Подошел Кешка. Лет пятнадцать. Длинноволосый. Стесняется.
— Чего Колька-то Ягодкин не пришел?
— Занят.
— Привет ему передай!
— Ладно.
Подхватив свои сумки, взбежали девушки на теплоход, перегнулись, машут:
— Чао! Чао, бамбино!
Вместе с девушками, неторопливо, заложив руки за спину, поднялись на борт и милиционеры. Сержант и ефрейтор. Походили по палубам. С любопытством заглядывали в общие каюты, в ресторан, заходили в туалеты, терпеливо ожидая, покуда освободится та или иная кабина. На носу теплохода, на ветру, вдыхая влажный от крохотных, ртутно поблескивающих брызг воздух, сидел человек с желтыми усами. Шапки у него не было, и волосы его ожили на ветру, шевелились, вставали дыбом, взлетали, свивались в кольца. Они казались неимоверно самостоятельными, молодыми, бойкими, легкомысленными, особенно в сравнении с лицом, застывшим, серым, очень морщинистым. Не шевелясь, человек с желтыми усами снисходительно, словно о зеленой молодежи, думал о собственных волосах, о своей резвящейся на ветру шевелюре. «Покойная мать говаривала: кто до сорока не облысел, тому это уже не грозит. Не успеет…» Мысли его перекинулись на покойную мать. Она часто ему снилась. И всегда молодой, красивой. Просто леди! Протягивала ему руку для поцелуя. И он с наслаждением и почтением целовал ее теплую, нежную, пахнущую духами руку. На самом же деле — даже в старости — руки у нее были сухие, жесткие. Когда ему случалось самому себе постирать, она отжимала воду после него еще раз. И вода почему-то лилась струей. Откуда силы у нее брались?
Медленно, лениво прошли мимо два милиционера. Повернули, подошли с двух сторон, козырнули.
— Извините… Растопырьте, пожалуйста, пальцы левой руки.
Он послушно вытянул перед собой левую руку, раздвинул пальцы. Они переглянулись. Еще раз козырнули, ушли.
…Теплоход разворачивался. Открылось небо. Два зеленых берега, сходясь далеко впереди, создавали широкую панораму зубчатых лесов. Цвета начищенной бронзы закат просвечивал сквозь многослойные, движущиеся с разной скоростью, сизые и густо-синие, почти черные тучи. И Фомичеву казалось, что там, впереди, вдали, все значительно красивее, богаче. Но сколько бы теплоход ни шел — все те же плоские берега текли справа и слева, и тальник, редкий сосняк, лиственница. Но он почему-то не огорчался этому. Скорее наоборот. Чего уж тут?.. Чем богаты, тем и рады! Свое ведь, верно?

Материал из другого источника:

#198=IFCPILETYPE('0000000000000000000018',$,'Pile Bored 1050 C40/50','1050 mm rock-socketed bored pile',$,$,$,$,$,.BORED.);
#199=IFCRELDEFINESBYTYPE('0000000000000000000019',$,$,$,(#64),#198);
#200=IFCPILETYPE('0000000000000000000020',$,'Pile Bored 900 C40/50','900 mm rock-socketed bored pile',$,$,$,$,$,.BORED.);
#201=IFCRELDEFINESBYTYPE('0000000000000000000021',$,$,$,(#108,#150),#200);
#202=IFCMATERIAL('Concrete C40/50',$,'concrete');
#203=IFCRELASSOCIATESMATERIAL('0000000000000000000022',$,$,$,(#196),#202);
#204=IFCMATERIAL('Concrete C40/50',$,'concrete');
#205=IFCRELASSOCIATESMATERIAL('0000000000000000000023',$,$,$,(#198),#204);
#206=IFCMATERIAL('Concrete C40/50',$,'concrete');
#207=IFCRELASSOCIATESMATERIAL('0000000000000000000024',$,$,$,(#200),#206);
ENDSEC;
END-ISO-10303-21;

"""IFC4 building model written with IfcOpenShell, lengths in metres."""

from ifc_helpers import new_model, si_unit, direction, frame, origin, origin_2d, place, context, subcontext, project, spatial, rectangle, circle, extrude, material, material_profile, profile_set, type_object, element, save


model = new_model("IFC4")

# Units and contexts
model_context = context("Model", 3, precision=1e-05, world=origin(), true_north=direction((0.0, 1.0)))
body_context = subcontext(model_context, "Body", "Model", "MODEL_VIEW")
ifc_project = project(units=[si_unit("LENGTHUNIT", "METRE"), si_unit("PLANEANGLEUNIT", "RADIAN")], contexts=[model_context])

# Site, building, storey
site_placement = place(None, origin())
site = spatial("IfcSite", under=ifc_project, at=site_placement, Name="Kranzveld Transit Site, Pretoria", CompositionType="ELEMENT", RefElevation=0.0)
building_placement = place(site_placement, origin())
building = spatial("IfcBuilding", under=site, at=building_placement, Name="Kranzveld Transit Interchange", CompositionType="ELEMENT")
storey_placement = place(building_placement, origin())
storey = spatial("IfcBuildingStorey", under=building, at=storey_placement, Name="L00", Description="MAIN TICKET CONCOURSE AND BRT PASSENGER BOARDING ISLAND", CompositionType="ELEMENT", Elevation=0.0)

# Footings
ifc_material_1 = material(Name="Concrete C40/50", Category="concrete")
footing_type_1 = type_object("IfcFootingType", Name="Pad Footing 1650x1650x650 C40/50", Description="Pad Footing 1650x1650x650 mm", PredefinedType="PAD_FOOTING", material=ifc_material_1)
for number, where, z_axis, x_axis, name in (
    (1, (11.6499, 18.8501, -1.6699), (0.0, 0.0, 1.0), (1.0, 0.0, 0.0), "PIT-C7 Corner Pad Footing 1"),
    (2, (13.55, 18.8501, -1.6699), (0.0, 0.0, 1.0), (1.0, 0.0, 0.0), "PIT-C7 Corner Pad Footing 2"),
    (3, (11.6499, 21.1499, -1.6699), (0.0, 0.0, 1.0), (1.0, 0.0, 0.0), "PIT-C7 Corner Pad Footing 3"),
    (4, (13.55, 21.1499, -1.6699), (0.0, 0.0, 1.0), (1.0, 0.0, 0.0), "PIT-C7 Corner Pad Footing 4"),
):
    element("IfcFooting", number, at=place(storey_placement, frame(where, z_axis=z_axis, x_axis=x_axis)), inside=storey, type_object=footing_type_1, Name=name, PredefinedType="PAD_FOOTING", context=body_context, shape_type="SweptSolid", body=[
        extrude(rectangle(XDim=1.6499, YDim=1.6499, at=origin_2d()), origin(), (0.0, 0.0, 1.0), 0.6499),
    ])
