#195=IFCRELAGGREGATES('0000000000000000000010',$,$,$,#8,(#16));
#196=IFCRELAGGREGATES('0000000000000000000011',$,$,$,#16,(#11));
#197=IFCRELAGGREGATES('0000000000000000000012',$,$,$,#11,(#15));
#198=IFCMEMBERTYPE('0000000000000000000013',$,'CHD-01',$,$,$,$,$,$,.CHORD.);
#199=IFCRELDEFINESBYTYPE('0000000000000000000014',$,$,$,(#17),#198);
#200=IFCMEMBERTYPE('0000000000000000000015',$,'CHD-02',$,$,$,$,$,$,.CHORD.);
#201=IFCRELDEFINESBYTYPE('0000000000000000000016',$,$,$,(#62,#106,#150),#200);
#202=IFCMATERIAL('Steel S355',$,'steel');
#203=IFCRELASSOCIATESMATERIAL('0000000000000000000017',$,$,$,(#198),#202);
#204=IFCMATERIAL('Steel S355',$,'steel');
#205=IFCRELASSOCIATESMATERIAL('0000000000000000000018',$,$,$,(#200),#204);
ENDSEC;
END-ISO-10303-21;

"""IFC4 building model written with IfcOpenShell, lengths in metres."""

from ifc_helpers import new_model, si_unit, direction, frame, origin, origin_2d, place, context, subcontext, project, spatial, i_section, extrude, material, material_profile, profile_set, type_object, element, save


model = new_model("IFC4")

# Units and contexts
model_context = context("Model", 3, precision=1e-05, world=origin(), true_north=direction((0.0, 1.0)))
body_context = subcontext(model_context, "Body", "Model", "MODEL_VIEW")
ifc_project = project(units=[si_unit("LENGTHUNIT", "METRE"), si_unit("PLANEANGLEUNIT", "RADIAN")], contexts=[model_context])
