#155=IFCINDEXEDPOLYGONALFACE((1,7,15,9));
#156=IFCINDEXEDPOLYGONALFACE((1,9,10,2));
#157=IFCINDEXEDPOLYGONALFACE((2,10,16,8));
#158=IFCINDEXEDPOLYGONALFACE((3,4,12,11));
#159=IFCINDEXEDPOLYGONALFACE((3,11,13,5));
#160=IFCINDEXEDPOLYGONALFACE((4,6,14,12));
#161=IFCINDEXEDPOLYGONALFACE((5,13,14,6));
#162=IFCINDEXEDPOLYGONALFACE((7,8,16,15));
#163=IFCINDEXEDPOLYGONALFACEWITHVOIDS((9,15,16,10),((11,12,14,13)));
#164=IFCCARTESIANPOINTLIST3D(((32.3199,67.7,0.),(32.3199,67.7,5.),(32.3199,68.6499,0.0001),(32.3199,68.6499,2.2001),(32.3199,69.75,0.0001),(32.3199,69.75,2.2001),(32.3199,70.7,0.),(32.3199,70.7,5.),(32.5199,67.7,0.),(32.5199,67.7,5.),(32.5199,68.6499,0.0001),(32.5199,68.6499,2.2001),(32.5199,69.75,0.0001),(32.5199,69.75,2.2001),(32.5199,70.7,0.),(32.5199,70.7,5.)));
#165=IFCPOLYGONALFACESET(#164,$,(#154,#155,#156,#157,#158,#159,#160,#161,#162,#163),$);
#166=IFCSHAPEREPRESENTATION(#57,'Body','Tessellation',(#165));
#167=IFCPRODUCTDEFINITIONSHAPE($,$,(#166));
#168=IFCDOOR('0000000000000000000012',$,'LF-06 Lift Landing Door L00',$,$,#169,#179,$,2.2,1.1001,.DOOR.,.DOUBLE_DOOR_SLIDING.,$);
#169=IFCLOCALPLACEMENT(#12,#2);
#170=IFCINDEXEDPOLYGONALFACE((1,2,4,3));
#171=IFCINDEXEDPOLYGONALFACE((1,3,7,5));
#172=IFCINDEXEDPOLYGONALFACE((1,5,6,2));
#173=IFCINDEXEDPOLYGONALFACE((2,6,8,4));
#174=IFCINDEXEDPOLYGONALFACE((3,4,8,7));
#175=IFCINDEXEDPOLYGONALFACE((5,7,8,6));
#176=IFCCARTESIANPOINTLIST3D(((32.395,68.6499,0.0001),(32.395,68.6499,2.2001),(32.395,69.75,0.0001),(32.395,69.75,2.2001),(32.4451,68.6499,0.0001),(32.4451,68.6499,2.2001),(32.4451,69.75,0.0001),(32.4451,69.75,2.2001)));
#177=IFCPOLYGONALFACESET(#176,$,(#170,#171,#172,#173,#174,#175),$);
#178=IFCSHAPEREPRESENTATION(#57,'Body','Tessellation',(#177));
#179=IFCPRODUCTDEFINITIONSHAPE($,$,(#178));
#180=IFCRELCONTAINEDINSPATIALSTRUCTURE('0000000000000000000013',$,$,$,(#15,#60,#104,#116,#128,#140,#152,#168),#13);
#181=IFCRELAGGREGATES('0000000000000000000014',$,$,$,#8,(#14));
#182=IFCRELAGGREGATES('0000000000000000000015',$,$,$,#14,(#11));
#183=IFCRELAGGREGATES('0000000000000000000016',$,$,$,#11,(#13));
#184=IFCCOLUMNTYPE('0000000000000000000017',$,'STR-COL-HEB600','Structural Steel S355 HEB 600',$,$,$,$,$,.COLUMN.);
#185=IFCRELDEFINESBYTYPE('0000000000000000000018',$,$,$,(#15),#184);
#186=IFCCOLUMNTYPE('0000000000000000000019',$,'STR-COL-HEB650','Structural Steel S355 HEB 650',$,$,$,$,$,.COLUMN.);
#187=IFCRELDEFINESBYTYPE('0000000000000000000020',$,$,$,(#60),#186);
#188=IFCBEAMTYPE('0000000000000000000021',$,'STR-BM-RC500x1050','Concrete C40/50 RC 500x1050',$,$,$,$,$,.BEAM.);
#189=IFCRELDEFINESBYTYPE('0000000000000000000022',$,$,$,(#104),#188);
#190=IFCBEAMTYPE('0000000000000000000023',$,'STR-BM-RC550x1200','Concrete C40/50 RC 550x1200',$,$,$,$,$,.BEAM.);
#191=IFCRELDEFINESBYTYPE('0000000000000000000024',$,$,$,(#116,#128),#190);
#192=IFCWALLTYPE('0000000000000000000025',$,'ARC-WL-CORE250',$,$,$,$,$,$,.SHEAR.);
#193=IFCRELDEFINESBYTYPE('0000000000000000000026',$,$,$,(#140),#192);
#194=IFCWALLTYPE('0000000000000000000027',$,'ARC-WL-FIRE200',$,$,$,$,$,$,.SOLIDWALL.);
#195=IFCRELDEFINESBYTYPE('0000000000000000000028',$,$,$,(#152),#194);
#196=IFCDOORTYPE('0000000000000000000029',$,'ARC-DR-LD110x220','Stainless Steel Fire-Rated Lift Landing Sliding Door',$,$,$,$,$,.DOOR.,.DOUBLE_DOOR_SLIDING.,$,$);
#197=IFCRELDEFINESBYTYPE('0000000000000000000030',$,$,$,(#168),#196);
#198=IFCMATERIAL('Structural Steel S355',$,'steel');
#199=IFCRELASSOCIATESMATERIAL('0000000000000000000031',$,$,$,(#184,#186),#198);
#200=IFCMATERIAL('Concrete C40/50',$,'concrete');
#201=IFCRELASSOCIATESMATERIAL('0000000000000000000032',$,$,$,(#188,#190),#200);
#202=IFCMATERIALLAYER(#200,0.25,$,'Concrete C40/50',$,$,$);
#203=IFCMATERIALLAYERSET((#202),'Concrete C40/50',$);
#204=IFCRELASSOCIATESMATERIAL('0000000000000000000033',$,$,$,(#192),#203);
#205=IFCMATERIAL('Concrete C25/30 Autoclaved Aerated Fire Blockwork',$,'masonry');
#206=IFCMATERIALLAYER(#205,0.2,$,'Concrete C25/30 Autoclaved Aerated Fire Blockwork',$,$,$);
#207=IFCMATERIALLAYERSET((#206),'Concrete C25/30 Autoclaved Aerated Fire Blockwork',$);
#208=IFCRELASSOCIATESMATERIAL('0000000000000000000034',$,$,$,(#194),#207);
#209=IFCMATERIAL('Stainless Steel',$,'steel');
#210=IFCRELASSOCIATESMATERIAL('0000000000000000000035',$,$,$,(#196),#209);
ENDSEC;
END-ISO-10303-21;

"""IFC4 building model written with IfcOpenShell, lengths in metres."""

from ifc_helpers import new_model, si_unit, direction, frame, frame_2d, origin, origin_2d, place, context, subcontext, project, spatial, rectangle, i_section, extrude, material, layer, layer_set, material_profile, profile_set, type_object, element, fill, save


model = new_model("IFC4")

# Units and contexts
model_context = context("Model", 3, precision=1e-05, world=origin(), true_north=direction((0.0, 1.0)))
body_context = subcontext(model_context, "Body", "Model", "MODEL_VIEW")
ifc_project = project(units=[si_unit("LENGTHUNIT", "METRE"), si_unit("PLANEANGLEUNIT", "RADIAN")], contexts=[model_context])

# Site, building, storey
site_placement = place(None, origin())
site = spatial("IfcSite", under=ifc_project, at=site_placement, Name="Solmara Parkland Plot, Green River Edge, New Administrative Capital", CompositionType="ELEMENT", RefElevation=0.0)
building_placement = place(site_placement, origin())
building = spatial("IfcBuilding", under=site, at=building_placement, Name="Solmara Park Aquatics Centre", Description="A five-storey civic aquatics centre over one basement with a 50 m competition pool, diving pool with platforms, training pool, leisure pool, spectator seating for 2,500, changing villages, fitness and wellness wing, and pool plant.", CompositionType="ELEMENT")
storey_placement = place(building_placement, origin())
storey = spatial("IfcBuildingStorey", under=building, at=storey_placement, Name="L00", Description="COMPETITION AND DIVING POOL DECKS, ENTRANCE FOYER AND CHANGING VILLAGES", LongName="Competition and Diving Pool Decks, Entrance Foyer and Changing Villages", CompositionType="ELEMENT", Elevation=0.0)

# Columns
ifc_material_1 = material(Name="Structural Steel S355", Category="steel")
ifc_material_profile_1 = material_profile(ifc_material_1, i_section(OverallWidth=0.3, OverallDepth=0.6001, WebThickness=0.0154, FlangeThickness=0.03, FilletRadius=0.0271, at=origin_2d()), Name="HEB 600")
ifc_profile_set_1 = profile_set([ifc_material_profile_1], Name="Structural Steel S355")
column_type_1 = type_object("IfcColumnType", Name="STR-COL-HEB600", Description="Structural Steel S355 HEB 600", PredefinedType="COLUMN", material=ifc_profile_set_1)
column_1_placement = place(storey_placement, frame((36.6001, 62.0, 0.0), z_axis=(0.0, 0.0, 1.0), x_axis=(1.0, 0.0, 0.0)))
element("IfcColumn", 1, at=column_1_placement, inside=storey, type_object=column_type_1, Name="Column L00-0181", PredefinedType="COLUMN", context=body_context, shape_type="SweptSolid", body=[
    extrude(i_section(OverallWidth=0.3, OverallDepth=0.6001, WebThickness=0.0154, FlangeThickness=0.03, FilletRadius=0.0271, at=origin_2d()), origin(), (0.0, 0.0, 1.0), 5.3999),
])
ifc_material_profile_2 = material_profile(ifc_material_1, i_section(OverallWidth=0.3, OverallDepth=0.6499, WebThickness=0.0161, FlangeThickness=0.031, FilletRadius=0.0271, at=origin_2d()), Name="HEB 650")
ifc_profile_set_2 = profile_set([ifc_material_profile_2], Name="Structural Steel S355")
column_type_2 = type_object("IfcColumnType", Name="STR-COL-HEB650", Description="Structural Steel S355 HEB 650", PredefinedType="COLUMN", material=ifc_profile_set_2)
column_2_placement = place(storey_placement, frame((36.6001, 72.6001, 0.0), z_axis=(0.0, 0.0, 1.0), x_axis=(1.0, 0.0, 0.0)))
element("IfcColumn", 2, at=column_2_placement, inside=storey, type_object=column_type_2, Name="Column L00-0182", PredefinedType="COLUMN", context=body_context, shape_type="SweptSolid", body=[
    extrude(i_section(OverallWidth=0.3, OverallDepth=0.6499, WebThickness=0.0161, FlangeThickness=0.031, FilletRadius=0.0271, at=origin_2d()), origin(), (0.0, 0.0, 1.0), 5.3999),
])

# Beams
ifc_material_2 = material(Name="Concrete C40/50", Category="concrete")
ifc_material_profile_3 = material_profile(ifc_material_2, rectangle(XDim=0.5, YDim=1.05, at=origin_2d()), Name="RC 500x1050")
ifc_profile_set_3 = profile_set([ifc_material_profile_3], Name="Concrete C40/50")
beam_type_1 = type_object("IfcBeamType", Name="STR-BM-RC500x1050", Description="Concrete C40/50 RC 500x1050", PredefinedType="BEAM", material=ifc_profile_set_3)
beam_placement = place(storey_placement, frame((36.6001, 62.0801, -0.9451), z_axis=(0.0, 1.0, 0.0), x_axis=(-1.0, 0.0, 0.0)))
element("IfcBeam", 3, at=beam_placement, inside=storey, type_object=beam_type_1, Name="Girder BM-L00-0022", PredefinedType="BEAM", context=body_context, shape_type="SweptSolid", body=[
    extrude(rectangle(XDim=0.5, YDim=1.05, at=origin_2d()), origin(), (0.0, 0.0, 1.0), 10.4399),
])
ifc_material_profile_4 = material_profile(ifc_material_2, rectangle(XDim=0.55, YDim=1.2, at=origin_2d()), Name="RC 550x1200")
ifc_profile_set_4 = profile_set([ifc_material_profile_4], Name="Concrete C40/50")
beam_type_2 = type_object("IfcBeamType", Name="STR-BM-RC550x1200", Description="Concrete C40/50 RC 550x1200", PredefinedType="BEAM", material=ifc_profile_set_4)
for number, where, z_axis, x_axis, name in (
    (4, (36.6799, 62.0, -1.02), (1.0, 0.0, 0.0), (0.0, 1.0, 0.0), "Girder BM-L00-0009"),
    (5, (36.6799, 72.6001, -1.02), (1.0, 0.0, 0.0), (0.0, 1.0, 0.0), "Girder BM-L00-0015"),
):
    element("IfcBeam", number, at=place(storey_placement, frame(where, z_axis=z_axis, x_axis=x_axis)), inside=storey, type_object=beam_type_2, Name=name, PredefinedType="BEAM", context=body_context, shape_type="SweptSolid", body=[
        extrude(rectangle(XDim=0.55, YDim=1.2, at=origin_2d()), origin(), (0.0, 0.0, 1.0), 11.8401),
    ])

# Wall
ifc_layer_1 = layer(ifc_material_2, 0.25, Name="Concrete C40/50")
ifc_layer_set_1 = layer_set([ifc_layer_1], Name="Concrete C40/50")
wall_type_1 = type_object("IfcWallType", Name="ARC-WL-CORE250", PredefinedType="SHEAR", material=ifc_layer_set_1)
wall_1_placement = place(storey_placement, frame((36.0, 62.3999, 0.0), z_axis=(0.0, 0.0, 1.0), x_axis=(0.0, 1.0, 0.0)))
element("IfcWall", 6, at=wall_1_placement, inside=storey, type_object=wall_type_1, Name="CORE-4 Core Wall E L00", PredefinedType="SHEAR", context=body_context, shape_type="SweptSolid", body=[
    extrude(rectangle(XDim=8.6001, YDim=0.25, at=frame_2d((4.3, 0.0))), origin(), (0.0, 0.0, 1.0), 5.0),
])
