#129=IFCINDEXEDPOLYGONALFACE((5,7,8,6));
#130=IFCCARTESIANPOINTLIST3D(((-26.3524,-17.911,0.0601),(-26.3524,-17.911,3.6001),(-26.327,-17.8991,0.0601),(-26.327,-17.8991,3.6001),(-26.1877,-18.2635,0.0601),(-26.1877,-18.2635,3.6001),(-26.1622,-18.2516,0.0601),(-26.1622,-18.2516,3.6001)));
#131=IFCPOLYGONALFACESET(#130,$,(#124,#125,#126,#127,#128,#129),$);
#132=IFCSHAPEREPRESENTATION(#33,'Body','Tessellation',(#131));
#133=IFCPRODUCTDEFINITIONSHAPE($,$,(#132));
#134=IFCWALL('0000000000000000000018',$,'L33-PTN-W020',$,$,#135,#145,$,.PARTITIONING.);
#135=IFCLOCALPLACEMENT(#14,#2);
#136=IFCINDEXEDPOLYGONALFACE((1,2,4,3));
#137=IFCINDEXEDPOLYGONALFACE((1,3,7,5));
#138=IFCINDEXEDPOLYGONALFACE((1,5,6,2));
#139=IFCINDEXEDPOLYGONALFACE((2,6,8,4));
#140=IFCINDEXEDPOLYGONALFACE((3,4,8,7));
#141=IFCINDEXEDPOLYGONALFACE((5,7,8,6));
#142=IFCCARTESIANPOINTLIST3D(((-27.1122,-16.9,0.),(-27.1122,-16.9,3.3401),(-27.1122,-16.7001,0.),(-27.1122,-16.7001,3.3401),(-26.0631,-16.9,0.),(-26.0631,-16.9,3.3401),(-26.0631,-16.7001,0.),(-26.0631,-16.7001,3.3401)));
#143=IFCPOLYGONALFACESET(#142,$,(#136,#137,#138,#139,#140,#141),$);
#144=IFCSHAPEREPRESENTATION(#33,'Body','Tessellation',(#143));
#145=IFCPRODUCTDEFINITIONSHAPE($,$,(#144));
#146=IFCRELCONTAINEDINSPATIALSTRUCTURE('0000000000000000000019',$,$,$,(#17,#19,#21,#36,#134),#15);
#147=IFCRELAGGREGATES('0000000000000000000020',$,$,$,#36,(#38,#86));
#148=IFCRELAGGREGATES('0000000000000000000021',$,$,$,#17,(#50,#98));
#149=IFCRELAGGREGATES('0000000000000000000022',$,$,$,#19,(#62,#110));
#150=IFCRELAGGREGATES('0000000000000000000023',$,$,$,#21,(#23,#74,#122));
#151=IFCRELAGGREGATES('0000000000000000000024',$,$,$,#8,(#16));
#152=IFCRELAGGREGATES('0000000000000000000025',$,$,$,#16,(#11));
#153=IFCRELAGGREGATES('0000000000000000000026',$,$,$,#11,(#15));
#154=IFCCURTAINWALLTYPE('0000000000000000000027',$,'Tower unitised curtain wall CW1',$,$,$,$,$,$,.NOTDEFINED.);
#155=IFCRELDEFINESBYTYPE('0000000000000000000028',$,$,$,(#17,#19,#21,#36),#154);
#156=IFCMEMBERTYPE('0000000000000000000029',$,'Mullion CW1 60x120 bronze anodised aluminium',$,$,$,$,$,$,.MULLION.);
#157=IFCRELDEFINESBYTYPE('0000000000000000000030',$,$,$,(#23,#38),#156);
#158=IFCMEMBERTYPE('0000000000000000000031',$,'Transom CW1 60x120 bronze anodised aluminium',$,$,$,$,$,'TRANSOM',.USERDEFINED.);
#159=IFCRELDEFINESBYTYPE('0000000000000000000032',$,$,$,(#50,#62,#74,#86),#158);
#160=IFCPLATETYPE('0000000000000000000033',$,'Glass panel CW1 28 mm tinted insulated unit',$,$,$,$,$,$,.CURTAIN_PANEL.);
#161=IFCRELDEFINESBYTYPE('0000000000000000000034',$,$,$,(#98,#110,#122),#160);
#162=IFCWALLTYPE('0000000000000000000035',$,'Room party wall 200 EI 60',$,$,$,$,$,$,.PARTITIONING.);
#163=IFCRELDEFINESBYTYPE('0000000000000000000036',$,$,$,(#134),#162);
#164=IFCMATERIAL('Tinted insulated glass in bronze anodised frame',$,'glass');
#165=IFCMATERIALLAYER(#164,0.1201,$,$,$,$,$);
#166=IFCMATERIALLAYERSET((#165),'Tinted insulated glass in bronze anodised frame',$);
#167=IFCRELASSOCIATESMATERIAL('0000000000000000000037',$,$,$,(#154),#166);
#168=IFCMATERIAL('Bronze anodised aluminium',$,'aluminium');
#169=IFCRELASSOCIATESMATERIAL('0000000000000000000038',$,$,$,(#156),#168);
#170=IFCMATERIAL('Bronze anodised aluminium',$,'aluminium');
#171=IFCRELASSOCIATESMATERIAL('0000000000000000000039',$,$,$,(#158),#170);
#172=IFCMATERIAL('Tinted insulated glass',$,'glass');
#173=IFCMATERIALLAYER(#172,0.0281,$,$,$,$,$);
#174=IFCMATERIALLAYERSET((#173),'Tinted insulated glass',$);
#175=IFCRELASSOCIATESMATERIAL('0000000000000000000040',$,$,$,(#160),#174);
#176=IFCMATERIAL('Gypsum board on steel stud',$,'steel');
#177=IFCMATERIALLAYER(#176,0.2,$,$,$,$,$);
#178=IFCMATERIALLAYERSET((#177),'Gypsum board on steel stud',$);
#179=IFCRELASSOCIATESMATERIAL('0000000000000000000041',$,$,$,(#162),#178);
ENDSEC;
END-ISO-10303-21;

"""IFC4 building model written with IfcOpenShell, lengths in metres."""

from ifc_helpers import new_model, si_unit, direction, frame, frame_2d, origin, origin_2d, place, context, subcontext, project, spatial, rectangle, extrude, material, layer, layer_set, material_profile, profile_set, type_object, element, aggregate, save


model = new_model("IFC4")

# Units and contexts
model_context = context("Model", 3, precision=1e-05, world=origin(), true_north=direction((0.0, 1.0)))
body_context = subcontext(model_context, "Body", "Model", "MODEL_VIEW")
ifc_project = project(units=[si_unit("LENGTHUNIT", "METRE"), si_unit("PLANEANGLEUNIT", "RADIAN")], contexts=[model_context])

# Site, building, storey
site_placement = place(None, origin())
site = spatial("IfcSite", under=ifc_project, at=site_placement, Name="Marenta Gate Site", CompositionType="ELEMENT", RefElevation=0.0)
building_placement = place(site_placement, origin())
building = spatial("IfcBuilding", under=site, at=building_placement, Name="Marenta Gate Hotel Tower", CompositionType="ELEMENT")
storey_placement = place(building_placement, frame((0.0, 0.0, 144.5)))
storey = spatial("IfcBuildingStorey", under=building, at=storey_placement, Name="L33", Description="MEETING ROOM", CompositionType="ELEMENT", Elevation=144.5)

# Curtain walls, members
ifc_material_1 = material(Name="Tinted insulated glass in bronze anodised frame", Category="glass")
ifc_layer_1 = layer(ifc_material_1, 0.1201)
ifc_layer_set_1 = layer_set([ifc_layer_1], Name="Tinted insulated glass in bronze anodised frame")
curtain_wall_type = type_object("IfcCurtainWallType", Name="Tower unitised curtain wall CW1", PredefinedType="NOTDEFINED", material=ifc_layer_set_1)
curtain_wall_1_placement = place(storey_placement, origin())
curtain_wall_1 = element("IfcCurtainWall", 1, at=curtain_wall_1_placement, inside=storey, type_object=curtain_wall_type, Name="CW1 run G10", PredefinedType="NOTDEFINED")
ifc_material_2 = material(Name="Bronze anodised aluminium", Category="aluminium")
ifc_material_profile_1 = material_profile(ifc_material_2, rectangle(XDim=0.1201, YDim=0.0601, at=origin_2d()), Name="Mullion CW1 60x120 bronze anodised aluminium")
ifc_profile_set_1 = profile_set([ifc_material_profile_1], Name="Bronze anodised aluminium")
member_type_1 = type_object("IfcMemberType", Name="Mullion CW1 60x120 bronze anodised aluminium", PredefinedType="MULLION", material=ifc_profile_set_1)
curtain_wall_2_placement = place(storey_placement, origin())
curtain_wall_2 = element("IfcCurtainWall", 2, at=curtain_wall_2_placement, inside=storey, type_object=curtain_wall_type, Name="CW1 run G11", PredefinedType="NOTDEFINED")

Хорошее ли, плохое — свое. Так? «Это часть моей родины, — думал Фомичев, — моя родина…» Правда, в его размышлениях чувствовалась некая вопросительная интонация, которой он хотя и пытался сопротивляться, но… «Моя! Моя! Я из песка, глины ее сотворен, из ее хлорофилла, из ее таблицы Менделеева. Даже химизм у нас одинаковый. Моя — с ее солью и сахаром, хлебом и салом, с рыбинами ее, живыми и плывущими вверх мутно-белым брюшком, с ее зверьем, диким и притворяющимся ручным… Моя! Моя!.. — утверждал он, одновременно и с убежденностью и с сомнением. — Моя!..» Но какое сомнение? Почему? Что произошло? Что изменилось в нем, в его жизни? Разве недостаточно он повкалывал на морозе? Разве не доказал уже свою связь с родиной, свое право считать себя частью ее? А разве там, в Москве, он бездельничать собирается? Разве там, дома, меньше он посвящать себя будет ей, своей земле? Его обидели, больно обидели… Плюнули! Так что же он должен теперь сделать? Утереться? А может, поступить, как Анатолий? Вообразить себя птицей и прыгнуть в никуда? Может, это лучше, смелей? Честнее? Но нет, нет! Не может того быть, чтобы Толя… Чтобы он…
Одно лишь небо, пожалуй, не обманывало своих зрителей. В том числе и Фомичева. Оно и вправду напоминало театр, рассчитывающий на шумный зрительский успех. Движение великих судеб, борьба какая-то чудились в небе. И все менялось, менялось. То зло побеждало, то торжествовало добро… То передышка, изнеможенность… И летели порой на фоне великанских туч, на фоне гигантских облачных конфликтов утки. Статистки, кордебалет… Гуляли по палубам, сидели на скамейках, любуясь закатом, пассажиры. Разговаривали, вспоминали.